National Geographic and “Titanic” director James Cameron confirmed the victims’ identities in a joint statement Sunday that said “the deep-sea community lost two of its finest” with the deaths of the two underwater documentary specialists.
David Bennett, president of Australia’s South Coast Recreational Flying Club, said the pair had set off to film a documentary when they crashed.
DeGruy, 60, of Santa Barbara, California, won multiple Emmy and British Academy of Film and Television Arts, or BAFTA, awards for cinematography.
Wight, 52, of Melbourne, was the writer-producer of the 3D movie “Sanctum,” which took in $100 million and was Australian cinema’s biggest box office hit of 2010.
The joint statement said deGruy spent 30 years producing and directing documentary films about the ocean.
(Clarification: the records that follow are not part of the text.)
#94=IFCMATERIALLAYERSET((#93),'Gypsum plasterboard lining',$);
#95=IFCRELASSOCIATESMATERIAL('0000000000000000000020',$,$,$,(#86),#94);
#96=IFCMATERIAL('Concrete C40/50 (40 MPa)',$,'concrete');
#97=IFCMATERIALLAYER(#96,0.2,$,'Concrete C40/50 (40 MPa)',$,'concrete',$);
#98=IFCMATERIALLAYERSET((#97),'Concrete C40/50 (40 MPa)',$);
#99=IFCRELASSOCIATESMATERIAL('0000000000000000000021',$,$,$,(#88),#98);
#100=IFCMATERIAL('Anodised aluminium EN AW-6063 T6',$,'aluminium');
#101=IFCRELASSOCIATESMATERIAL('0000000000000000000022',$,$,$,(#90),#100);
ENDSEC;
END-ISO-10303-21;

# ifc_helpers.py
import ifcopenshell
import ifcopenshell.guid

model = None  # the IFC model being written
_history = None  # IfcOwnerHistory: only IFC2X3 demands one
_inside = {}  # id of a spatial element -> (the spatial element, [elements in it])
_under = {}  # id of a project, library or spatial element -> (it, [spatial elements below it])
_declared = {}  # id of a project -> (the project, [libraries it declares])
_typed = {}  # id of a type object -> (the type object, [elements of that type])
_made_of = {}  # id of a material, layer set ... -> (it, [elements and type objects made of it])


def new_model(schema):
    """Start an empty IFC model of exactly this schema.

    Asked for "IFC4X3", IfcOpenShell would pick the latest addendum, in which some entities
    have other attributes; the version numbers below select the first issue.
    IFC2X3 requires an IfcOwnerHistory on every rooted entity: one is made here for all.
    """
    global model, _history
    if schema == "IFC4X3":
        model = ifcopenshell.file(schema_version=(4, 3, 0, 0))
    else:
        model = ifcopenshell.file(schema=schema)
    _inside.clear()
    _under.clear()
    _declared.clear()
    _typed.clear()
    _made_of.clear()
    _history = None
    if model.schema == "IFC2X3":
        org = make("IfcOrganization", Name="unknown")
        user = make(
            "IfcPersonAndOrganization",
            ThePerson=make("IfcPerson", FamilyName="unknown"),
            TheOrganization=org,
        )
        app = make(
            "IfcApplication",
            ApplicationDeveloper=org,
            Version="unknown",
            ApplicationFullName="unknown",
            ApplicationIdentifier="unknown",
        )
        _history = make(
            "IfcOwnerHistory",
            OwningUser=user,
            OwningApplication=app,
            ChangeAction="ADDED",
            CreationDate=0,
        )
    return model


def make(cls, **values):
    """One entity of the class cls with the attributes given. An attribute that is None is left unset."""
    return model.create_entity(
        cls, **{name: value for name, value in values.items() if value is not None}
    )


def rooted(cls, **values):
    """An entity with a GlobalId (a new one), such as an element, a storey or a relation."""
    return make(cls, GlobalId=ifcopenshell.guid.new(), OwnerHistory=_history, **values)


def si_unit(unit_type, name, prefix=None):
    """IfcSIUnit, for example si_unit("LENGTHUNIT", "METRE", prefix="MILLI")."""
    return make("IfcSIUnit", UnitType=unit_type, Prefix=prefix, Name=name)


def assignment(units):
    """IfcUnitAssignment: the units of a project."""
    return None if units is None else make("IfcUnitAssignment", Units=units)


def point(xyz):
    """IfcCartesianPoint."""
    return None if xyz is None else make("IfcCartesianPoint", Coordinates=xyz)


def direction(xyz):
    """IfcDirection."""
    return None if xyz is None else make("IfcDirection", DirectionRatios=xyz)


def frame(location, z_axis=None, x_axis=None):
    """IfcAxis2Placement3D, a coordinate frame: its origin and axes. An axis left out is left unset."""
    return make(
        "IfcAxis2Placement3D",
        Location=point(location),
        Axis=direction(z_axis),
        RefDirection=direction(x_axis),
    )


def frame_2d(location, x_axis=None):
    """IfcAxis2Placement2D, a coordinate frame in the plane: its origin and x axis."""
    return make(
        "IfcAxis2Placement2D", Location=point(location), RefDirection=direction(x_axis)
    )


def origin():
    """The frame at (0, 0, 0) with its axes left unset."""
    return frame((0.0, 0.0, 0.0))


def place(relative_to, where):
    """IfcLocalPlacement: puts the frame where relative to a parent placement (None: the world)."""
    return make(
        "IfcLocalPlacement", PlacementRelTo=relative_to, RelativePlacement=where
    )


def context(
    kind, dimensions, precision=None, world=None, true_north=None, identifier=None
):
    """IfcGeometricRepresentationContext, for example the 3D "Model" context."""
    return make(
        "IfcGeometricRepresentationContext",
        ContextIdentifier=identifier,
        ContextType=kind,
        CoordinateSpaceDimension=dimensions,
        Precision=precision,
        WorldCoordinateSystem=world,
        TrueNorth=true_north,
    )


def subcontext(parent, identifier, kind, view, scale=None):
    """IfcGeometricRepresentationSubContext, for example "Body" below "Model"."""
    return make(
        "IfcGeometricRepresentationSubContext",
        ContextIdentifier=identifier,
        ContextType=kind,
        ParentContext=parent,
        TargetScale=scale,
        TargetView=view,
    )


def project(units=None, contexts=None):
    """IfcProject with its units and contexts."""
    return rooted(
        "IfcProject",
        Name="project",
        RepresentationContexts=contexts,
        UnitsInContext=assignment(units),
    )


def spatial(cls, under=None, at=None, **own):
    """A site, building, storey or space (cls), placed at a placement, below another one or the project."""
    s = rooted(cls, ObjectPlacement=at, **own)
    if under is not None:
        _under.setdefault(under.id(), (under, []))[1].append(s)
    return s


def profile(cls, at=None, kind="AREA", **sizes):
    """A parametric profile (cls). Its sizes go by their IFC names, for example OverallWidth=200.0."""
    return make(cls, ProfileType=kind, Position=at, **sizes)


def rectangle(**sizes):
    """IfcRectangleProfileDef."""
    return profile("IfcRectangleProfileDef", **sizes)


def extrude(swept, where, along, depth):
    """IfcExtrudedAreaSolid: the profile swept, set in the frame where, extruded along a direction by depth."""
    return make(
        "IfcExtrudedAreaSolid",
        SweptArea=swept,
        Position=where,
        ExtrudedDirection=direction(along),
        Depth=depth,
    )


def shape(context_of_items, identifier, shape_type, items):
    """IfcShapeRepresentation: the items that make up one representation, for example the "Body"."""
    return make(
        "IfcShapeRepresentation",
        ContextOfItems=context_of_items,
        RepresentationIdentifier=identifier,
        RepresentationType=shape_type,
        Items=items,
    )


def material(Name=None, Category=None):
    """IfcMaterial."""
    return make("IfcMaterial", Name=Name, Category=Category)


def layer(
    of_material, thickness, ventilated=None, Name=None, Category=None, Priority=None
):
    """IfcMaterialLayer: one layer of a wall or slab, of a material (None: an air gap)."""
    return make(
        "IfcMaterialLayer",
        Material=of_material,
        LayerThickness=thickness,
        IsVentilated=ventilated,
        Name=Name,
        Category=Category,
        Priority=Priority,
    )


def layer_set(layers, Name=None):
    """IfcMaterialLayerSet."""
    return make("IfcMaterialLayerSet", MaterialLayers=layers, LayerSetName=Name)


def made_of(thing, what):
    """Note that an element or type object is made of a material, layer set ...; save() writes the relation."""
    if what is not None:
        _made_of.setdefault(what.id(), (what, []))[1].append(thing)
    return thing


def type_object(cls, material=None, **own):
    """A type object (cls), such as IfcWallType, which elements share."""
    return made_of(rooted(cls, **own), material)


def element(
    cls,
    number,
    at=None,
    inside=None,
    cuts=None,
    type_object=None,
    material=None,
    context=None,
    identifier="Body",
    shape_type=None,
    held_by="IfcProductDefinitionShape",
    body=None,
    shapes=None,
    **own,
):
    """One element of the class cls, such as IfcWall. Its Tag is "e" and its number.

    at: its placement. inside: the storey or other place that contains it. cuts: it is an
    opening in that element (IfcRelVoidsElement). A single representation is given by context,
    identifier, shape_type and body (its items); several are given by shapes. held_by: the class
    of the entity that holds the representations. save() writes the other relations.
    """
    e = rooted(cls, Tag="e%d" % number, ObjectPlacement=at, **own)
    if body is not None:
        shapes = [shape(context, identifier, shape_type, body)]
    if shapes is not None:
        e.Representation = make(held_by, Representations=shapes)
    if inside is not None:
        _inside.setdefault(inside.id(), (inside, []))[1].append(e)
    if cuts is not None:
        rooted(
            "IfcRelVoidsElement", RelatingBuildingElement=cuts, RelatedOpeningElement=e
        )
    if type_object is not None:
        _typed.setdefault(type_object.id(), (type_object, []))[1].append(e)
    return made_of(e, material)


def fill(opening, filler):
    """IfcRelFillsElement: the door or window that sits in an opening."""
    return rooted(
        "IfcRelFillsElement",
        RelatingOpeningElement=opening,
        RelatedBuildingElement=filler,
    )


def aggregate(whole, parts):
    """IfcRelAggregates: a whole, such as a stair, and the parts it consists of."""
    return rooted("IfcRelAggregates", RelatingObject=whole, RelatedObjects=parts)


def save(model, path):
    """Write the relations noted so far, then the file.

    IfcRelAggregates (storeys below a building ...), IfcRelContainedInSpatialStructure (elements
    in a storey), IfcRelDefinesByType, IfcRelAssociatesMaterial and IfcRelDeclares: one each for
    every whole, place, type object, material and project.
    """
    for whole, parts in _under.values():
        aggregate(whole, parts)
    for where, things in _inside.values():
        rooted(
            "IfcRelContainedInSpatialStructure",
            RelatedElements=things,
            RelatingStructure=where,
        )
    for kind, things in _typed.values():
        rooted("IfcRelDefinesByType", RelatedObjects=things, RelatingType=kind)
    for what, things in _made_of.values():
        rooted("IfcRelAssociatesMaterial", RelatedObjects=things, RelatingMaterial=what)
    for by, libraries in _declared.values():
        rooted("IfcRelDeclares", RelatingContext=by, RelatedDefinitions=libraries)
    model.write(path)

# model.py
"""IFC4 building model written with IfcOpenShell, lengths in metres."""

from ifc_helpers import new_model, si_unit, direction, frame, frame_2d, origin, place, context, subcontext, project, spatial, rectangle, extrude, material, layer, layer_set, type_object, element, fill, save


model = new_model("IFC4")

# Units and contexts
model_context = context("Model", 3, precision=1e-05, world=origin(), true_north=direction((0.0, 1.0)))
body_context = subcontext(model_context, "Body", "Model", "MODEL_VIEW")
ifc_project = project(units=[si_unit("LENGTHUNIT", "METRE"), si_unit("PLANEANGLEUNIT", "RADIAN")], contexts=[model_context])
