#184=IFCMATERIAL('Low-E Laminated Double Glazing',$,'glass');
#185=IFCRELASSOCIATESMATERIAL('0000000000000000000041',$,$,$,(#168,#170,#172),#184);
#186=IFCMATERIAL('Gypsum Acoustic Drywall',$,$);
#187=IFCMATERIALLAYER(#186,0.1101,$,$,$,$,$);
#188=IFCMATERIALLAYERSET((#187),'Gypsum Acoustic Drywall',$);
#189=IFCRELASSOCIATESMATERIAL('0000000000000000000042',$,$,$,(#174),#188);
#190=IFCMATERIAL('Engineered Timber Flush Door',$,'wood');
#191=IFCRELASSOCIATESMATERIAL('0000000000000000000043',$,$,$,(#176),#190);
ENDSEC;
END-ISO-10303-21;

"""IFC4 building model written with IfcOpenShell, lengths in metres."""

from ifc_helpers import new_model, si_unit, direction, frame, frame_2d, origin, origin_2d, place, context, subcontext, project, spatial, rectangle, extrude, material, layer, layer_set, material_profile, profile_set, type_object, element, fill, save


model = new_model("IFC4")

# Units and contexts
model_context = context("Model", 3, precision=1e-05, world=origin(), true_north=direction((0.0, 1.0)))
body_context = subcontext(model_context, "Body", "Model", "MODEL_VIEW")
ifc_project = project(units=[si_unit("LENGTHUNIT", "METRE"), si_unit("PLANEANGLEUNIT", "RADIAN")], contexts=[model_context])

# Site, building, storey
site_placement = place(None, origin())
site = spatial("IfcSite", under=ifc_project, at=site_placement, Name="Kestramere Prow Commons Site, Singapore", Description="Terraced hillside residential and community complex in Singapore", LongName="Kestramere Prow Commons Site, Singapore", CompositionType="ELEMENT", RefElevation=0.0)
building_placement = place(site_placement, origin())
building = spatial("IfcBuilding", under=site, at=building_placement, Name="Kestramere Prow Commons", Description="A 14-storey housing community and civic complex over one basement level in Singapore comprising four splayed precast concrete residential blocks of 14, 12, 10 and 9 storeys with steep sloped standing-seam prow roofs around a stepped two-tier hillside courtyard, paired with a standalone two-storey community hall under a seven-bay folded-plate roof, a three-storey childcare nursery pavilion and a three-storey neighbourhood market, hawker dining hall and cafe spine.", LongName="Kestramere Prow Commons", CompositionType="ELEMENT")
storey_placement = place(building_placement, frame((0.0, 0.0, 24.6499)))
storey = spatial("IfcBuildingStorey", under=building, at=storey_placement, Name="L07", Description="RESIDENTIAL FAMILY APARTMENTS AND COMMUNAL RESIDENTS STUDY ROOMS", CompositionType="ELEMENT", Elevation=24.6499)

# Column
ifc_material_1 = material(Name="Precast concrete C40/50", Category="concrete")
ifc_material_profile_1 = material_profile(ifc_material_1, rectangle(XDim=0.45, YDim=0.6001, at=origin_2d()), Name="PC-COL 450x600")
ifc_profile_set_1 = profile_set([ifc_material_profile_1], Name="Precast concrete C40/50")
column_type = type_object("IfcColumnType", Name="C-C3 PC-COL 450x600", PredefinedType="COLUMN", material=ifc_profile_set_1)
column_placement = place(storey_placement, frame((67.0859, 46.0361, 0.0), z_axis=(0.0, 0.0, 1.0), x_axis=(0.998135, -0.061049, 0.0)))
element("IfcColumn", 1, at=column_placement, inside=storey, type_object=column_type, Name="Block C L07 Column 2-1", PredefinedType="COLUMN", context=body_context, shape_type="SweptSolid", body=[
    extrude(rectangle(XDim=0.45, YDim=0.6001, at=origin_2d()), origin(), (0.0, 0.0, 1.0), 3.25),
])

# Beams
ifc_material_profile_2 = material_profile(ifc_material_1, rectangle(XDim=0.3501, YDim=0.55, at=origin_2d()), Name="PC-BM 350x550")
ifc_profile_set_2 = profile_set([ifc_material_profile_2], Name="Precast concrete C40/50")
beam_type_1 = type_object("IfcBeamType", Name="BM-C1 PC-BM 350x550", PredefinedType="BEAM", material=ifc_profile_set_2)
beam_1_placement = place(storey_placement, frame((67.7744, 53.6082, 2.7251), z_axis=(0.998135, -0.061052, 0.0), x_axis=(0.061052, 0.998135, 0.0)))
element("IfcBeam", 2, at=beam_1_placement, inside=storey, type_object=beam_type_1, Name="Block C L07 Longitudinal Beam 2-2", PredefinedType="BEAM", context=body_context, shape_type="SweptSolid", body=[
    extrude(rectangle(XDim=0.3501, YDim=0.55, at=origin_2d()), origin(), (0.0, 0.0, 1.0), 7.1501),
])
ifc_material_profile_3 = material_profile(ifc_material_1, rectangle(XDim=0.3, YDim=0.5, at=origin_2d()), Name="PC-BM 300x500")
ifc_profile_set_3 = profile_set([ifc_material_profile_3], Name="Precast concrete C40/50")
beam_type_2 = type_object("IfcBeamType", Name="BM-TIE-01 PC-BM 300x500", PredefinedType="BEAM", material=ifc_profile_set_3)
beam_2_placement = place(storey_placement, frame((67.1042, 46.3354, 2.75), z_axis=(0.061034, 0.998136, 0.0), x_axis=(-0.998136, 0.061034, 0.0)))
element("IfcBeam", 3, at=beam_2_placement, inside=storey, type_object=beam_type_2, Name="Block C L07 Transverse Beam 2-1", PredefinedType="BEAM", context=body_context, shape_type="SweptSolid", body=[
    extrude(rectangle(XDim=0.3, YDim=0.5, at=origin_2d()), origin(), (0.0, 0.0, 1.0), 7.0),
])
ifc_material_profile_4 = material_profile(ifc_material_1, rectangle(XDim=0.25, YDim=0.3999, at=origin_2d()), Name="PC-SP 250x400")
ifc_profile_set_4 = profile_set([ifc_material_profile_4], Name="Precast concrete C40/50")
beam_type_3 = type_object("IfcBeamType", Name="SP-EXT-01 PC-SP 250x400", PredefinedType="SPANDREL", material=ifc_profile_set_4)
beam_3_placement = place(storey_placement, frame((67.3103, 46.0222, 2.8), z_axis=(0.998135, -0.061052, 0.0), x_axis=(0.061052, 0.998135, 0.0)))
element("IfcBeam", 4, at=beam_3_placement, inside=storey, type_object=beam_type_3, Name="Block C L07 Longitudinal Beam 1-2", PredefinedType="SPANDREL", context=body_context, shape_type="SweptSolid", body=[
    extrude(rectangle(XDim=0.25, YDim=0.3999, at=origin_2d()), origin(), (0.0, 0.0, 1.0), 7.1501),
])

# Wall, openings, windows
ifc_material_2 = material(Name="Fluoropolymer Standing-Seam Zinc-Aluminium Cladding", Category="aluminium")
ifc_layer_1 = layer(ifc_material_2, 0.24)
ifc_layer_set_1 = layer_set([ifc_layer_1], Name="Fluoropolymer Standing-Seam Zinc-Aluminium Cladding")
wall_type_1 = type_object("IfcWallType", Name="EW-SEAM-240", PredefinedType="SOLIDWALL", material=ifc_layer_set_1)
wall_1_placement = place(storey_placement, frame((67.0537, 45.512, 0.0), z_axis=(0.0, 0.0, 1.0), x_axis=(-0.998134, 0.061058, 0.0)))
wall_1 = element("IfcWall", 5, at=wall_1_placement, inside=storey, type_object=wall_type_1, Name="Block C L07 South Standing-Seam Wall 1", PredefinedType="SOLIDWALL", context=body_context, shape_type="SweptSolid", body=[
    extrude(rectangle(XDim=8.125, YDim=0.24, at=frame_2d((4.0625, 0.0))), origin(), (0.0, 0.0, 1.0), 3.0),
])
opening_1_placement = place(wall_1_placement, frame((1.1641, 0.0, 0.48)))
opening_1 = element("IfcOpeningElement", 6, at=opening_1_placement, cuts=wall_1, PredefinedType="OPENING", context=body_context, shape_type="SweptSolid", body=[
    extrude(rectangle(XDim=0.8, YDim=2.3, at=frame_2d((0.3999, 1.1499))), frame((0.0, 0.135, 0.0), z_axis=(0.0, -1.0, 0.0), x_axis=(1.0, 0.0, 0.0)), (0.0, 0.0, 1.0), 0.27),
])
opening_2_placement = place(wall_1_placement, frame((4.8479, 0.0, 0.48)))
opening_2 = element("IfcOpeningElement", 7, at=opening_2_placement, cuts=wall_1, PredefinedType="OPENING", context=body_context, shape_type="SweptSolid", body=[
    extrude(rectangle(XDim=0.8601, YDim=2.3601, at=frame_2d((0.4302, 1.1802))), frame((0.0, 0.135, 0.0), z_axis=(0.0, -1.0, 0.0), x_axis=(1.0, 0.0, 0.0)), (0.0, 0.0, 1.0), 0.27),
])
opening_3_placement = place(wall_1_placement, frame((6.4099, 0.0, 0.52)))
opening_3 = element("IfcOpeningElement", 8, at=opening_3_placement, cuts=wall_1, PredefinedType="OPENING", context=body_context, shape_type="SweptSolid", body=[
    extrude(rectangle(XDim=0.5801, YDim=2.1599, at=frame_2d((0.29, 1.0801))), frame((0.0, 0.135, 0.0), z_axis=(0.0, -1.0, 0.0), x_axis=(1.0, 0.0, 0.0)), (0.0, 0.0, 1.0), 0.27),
An accomplished diver and submersible pilot who spent many hours filming deep beneath the sea, he was the director of undersea photography for Cameron’s 2005 “Last Mysteries of the Titanic,” the statement said.
“Mike and Andrew were like family to me,” Cameron said. “They were my deep-sea brothers and both were true explorers who did extraordinary things and went places no human being has been.”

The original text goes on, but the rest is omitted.